Quick note for any who may not grasp a quick pressure calculation on H2O pressure at depth. The pressure on the water at the bottom of the spillway gate with a 50′ pond/pool level above would be 3,120 lbs/sq ft. (over three thousand lbs. per sq. foot). The water would come out of the open gates quite forcefully and fast. If I have time I’ll show my work when I look into my hydraulics handbook. Anyways, I now have tractor parts in hand so back to serious/important work that I don’t need to explain.
A link to the profile and measurements of the spillway/chute and gates would be greatly appreciated. There was a lot of discussion on metebunk and I really don’t have the time to go through it again now.
If one of you hydraulic engineers would like to step in, have at it.

Reply to  eyesonu
August 20, 2017 6:11 am

eyesonu August 18, 2017 at 11:31 am
Quick note for any who may not grasp a quick pressure calculation on H2O pressure at depth. The pressure on the water at the bottom of the spillway gate with a 50′ pond/pool level above would be 3,120 lbs/sq ft. (over three thousand lbs. per sq. foot). The water would come out of the open gates quite forcefully and fast.

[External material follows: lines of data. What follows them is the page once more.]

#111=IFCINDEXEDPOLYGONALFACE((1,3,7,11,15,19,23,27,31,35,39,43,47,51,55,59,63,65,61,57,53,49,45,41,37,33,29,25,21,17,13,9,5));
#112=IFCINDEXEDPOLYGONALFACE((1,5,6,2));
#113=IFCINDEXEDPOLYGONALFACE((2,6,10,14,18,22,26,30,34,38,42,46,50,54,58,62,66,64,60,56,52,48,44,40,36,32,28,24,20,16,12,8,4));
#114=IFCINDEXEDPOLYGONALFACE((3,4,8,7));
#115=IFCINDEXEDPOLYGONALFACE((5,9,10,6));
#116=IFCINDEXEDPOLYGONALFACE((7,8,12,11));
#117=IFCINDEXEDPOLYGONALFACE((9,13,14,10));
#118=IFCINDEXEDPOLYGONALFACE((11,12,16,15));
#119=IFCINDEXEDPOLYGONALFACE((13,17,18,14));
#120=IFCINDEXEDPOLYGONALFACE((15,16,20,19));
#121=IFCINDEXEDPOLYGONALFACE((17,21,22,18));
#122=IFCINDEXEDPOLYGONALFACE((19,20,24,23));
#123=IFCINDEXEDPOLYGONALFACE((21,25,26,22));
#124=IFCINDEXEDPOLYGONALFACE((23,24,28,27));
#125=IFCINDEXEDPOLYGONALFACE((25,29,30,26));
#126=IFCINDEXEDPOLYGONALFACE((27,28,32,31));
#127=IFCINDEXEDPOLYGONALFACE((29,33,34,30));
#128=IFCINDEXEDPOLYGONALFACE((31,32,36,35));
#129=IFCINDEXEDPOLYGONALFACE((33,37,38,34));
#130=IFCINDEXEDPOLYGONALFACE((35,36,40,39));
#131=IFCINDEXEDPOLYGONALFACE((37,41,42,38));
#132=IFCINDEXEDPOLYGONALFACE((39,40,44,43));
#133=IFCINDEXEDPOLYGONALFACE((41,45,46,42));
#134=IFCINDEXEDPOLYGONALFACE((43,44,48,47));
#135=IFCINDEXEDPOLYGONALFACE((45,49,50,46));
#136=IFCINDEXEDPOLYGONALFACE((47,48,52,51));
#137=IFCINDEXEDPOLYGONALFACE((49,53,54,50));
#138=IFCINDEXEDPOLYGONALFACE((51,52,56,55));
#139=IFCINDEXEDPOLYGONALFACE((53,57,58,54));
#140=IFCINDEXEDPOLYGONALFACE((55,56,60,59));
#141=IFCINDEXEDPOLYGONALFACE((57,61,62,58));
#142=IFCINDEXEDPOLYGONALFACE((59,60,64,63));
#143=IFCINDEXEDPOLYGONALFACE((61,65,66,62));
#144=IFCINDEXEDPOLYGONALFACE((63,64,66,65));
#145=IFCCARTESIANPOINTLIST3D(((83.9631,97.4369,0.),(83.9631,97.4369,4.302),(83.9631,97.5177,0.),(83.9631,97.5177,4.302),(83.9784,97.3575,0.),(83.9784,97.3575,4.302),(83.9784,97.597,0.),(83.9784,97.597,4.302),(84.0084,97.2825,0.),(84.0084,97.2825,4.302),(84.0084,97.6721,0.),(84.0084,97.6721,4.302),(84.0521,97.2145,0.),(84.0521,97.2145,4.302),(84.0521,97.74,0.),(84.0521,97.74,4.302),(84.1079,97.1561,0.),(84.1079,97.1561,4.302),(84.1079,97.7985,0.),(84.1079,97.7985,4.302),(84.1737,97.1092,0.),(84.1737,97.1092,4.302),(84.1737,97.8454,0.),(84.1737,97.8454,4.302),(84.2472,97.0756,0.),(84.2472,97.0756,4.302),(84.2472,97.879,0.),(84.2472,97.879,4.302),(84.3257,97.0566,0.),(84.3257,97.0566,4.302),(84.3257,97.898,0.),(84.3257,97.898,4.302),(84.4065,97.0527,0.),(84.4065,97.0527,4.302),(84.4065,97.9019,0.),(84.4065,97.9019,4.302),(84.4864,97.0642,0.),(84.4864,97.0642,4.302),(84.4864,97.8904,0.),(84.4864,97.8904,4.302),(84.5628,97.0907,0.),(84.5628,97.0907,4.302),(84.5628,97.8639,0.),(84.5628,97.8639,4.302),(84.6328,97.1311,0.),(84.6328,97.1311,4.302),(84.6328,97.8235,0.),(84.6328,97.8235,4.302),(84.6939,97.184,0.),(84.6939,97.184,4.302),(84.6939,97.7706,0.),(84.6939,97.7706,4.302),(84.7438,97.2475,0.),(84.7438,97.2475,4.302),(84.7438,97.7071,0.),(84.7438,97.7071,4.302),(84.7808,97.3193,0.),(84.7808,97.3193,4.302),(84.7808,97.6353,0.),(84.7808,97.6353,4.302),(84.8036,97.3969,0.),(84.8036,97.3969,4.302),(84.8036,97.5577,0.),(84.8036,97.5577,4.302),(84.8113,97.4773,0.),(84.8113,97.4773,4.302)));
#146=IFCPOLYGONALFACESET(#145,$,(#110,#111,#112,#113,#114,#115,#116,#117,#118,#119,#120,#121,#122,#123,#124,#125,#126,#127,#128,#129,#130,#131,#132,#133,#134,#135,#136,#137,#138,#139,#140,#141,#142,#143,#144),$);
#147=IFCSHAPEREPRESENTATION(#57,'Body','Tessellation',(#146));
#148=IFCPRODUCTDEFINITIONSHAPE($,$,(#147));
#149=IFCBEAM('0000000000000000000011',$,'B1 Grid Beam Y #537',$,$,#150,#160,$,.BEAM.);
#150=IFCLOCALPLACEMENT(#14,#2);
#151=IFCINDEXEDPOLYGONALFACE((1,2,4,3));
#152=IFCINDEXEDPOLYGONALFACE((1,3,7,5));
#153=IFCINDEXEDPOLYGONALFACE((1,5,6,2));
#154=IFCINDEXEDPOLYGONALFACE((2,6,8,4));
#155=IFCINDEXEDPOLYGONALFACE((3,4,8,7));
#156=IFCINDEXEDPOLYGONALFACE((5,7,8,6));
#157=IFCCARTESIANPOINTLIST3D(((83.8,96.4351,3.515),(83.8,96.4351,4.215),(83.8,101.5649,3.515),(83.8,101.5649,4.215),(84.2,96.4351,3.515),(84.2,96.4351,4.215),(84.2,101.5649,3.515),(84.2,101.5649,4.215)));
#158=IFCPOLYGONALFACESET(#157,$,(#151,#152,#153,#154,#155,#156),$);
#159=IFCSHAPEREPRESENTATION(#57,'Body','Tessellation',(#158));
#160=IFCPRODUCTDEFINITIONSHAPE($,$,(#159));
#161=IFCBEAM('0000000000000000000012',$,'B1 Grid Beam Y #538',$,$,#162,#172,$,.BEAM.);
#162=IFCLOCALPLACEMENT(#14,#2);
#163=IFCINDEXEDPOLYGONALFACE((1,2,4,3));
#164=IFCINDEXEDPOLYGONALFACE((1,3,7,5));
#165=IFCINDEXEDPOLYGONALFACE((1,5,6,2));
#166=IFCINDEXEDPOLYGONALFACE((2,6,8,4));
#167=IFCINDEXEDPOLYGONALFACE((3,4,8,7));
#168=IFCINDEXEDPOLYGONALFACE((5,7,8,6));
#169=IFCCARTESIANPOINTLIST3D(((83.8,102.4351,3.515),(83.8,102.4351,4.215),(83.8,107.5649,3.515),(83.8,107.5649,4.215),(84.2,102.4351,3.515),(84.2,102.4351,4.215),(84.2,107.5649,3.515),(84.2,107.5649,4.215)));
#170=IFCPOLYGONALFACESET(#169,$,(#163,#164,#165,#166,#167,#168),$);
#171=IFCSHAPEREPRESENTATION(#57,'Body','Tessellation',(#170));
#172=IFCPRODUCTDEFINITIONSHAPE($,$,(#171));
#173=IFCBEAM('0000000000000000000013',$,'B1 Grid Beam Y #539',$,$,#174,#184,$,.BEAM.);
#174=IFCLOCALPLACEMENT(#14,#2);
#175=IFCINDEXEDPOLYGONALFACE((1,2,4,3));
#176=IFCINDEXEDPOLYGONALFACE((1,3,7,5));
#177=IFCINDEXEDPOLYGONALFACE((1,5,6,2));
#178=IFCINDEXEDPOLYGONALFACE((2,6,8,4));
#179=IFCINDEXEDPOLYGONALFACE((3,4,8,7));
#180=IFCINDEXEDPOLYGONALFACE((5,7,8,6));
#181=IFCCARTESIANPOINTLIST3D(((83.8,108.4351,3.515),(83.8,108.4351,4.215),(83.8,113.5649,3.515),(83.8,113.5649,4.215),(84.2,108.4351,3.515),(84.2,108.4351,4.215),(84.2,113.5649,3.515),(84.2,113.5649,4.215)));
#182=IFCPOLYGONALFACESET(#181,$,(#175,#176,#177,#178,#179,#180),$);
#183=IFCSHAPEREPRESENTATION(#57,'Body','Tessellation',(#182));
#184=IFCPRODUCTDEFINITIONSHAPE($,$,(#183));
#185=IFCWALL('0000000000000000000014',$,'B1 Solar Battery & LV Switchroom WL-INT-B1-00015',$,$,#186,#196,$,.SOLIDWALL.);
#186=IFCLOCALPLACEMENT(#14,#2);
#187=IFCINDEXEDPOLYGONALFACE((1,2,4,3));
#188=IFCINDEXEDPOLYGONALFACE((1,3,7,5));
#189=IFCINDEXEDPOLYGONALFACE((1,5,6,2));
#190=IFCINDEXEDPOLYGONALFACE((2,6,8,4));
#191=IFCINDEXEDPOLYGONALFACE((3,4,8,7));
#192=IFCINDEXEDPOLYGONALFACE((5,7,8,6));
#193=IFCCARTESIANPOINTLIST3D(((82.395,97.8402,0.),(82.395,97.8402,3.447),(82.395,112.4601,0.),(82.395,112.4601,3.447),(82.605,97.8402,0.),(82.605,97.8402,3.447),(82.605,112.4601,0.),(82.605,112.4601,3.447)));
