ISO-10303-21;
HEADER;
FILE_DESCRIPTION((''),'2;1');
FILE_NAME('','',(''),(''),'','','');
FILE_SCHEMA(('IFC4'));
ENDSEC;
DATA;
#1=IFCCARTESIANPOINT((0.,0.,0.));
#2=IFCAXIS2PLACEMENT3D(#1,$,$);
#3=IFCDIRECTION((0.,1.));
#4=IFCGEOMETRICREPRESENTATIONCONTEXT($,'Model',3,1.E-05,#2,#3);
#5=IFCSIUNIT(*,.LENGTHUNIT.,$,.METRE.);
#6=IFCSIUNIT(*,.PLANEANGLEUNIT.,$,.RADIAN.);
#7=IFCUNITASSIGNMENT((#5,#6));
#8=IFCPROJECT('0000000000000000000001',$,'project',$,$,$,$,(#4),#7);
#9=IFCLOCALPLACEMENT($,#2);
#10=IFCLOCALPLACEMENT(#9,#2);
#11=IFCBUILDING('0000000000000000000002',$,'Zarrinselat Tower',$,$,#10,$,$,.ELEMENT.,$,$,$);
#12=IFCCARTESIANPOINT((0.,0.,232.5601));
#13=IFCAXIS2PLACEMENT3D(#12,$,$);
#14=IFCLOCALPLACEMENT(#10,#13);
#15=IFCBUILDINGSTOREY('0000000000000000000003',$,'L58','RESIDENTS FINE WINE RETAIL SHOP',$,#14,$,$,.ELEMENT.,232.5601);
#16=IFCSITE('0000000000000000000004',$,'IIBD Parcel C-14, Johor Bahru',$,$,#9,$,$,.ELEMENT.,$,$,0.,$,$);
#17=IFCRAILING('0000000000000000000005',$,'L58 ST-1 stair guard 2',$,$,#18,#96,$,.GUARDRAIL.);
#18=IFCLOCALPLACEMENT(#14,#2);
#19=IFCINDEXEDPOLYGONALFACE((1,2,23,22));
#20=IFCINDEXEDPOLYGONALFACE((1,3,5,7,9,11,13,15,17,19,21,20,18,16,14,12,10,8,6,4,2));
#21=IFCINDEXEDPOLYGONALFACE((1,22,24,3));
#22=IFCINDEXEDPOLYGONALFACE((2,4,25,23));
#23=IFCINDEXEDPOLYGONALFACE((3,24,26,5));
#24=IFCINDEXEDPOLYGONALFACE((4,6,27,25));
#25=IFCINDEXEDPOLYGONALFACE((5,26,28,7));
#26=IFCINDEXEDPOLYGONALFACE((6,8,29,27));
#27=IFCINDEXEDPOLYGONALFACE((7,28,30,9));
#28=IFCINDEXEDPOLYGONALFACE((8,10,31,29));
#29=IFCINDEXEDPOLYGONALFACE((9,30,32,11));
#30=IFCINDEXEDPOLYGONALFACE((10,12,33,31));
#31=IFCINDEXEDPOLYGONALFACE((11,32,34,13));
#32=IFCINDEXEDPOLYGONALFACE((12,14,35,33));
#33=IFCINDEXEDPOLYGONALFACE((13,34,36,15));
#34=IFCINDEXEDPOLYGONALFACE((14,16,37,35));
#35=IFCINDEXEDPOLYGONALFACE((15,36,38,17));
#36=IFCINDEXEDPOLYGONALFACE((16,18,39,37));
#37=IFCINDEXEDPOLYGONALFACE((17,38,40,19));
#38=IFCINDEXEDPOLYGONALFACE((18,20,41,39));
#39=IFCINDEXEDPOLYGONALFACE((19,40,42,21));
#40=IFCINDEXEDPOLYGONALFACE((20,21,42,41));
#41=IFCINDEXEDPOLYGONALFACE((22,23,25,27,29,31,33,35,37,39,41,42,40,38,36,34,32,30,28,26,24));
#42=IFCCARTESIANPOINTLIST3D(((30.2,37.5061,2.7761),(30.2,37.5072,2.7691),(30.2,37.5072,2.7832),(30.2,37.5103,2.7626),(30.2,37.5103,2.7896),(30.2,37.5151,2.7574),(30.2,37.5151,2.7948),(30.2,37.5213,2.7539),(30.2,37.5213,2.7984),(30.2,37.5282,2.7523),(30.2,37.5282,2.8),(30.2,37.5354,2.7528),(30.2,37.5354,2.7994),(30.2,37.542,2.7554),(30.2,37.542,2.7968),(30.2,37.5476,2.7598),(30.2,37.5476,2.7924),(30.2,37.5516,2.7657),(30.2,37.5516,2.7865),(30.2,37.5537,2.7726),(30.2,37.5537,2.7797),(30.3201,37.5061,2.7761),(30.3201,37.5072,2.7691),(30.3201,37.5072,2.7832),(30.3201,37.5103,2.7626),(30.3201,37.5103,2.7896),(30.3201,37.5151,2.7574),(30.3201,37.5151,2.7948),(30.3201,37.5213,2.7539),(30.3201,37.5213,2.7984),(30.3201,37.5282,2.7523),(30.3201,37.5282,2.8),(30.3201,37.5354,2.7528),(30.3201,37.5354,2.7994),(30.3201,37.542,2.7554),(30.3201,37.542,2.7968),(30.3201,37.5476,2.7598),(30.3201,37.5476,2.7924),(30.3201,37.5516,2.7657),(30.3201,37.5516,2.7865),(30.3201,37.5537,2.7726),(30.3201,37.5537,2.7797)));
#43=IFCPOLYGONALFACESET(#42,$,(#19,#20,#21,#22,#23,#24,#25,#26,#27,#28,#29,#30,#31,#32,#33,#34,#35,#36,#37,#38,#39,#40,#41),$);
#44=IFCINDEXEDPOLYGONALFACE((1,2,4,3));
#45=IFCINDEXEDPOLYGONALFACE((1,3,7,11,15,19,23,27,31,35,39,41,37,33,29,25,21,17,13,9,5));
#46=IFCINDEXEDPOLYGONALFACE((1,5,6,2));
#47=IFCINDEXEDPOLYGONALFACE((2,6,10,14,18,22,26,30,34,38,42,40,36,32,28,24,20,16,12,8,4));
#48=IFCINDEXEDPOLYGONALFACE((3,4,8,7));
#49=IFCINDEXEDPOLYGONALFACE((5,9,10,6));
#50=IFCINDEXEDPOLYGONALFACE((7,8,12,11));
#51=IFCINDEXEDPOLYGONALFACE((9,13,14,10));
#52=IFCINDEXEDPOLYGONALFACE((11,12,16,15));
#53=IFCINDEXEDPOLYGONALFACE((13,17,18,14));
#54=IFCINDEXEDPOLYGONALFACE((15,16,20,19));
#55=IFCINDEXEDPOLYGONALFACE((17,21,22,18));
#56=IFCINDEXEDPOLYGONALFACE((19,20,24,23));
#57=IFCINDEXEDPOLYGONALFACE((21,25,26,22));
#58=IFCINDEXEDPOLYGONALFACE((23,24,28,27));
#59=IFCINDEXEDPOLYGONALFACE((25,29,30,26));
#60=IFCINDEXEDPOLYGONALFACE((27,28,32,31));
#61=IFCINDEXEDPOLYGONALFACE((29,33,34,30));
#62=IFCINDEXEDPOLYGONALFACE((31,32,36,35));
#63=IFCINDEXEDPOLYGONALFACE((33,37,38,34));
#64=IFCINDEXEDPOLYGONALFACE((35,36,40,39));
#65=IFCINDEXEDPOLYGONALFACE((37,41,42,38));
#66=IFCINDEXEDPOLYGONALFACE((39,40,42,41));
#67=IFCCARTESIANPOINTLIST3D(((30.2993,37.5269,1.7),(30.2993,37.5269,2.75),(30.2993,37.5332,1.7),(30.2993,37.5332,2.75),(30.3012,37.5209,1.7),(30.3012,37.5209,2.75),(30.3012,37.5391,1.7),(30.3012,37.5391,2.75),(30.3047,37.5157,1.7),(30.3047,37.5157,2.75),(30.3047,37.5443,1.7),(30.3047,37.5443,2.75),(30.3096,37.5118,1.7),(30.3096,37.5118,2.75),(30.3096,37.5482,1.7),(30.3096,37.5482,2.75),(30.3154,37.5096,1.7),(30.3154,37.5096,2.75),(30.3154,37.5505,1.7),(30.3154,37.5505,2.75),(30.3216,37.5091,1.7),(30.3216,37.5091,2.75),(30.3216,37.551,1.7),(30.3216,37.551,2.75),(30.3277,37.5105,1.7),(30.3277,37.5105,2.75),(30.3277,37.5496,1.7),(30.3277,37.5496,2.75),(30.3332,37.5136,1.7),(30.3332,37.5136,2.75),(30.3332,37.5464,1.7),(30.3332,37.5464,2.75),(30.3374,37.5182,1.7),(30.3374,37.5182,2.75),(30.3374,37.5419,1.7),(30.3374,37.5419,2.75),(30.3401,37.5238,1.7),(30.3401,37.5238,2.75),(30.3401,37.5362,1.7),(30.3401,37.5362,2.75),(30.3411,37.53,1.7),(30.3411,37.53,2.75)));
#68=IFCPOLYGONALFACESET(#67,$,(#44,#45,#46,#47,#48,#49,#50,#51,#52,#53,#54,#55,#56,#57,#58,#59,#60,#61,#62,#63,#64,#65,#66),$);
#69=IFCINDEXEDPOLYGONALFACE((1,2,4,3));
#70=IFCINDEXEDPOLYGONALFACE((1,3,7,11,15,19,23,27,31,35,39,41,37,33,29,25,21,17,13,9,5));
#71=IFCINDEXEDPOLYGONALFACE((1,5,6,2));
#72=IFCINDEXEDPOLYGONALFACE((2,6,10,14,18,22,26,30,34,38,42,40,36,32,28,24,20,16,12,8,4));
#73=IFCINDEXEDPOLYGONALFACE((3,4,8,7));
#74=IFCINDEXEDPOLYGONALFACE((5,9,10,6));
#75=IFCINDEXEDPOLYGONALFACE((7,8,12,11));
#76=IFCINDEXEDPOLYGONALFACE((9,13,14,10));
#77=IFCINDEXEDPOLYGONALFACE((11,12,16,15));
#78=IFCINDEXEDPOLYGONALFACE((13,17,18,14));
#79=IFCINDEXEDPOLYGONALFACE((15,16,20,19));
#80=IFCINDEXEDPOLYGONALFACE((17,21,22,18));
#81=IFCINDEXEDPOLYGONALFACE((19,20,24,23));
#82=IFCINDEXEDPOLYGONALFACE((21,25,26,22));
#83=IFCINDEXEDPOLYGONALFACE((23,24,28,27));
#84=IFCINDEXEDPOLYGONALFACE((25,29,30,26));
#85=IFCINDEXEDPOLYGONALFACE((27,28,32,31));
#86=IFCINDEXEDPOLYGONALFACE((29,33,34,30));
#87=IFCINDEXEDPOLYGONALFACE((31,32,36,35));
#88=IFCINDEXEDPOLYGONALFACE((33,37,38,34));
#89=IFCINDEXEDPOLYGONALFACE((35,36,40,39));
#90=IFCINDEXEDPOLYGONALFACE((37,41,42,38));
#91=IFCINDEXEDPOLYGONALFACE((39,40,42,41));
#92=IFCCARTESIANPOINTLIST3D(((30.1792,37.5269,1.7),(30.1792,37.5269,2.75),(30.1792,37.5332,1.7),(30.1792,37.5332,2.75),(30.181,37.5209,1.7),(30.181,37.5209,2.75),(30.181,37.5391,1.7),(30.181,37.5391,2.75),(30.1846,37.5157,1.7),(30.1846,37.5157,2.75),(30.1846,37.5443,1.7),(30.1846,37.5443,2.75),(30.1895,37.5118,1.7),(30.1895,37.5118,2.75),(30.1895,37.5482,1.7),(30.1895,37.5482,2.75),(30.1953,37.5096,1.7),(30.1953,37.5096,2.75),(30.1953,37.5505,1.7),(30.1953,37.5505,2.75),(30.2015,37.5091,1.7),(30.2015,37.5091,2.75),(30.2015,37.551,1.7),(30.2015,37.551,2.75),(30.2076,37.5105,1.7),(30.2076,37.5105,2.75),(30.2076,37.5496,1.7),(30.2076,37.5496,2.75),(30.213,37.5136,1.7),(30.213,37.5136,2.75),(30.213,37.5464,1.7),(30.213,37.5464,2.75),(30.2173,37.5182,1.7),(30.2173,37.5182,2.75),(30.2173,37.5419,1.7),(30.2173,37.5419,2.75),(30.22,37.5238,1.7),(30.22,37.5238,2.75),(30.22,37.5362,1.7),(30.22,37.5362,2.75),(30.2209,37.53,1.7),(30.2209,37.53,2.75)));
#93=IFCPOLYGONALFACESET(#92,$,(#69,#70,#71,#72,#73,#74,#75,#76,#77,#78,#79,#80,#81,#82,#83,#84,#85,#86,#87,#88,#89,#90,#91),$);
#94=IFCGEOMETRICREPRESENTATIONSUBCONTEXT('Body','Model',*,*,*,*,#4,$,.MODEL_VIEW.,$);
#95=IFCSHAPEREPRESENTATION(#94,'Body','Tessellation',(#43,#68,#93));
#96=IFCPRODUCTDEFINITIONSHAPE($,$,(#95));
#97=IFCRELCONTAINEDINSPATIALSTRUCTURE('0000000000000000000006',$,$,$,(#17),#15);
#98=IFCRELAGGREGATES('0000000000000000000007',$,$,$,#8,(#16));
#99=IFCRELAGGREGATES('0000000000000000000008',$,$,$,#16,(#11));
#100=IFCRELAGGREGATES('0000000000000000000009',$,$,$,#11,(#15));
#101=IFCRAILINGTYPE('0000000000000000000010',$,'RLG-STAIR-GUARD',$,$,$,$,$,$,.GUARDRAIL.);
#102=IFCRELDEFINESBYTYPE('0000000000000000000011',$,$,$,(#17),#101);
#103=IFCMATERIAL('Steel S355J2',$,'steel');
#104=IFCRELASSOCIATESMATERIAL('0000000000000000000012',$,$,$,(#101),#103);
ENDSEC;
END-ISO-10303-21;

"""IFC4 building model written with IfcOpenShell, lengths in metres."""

from ifc_helpers import new_model, si_unit, direction, frame, origin, origin_2d, place, context, subcontext, project, spatial, circle, extrude, material, type_object, element, save


model = new_model("IFC4")

# Units and contexts
model_context = context("Model", 3, precision=1e-05, world=origin(), true_north=direction((0.0, 1.0)))
body_context = subcontext(model_context, "Body", "Model", "MODEL_VIEW")
ifc_project = project(units=[si_unit("LENGTHUNIT", "METRE"), si_unit("PLANEANGLEUNIT", "RADIAN")], contexts=[model_context])

# Site, building, storey
site_placement = place(None, origin())
site = spatial("IfcSite", under=ifc_project, at=site_placement, Name="IIBD Parcel C-14, Johor Bahru", CompositionType="ELEMENT", RefElevation=0.0)
building_placement = place(site_placement, origin())
building = spatial("IfcBuilding", under=site, at=building_placement, Name="Zarrinselat Tower", CompositionType="ELEMENT")
storey_placement = place(building_placement, frame((0.0, 0.0, 232.5601)))
storey = spatial("IfcBuildingStorey", under=building, at=storey_placement, Name="L58", Description="RESIDENTS FINE WINE RETAIL SHOP", CompositionType="ELEMENT", Elevation=232.5601)

# Railing
ifc_material_1 = material(Name="Steel S355J2", Category="steel")
railing_type_1 = type_object("IfcRailingType", Name="RLG-STAIR-GUARD", PredefinedType="GUARDRAIL", material=ifc_material_1)
railing_1_placement = place(storey_placement, frame((30.3201, 37.53, 1.7)))
element("IfcRailing", 1, at=railing_1_placement, inside=storey, type_object=railing_type_1, Name="L58 ST-1 stair guard 2", PredefinedType="GUARDRAIL", context=body_context, shape_type="SweptSolid", body=[
    extrude(circle(Radius=0.0239, at=origin_2d()), frame((0.0, 0.0, 1.0762), z_axis=(-1.0, 0.0, 0.0), x_axis=(0.0, -1.0, 0.0)), (0.0, 0.0, 1.0), 0.1201),
    extrude(circle(Radius=0.021, at=origin_2d()), origin(), (0.0, 0.0, 1.0), 1.05),
    extrude(circle(Radius=0.021, at=origin_2d()), frame((-0.1201, 0.0, 0.0)), (0.0, 0.0, 1.0), 1.05),
])

save(model, "model.ifc")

As I showed above the dam operators were attempting to maintain a water level of 850′ (as their licensing conditions require them to in order to maintain the flood control reserve). Since the floor of the spillway is at 814′ that gives a depth of 36′ or about a pressure of 15psi (less than the water pressure in the faucet in your house).
The velocity is given by:
v=sqrt(2.g.depth)
Using metric units v= sort(2×9.8×10) = 14m/sec
Increasing to the hypothetical 50′ above the spillway would only increase the velocity to ~18m/sec.

Reply to  Phil.
August 21, 2017 11:09 am

If anyone wants to find what the spillway actually looks like they can find detailed specs in:
https://ia800302.us.archive.org/3/items/zh9californiastatew2003calirich/zh9californiastatew2003calirich_bw.pdf
pp63, hint it’s nothing like a ski jump!

Reply to  Phil.
August 21, 2017 11:24 am

Nice shot of the inlet at 6.16 in

Reply to  eyesonu
August 19, 2017 8:45 pm

Those photos are not of anything resembling a ski jump, eyesonu. Ski jumps are concave-upward. Those photos show a section of the spill way which is concave-downward.
Here’s what a ski jump looks like (with an ISIS skier at the 2014 Sochi Winter Olympics) :
http://robrogers.com/wp-content/uploads/2014/01/010214_Ski_Jump.jpg

eyesonu
August 20, 2017 8:21 am

Dave, you just need to attach the concave-downward slope of the spillway as shown in the photos and you got a winner!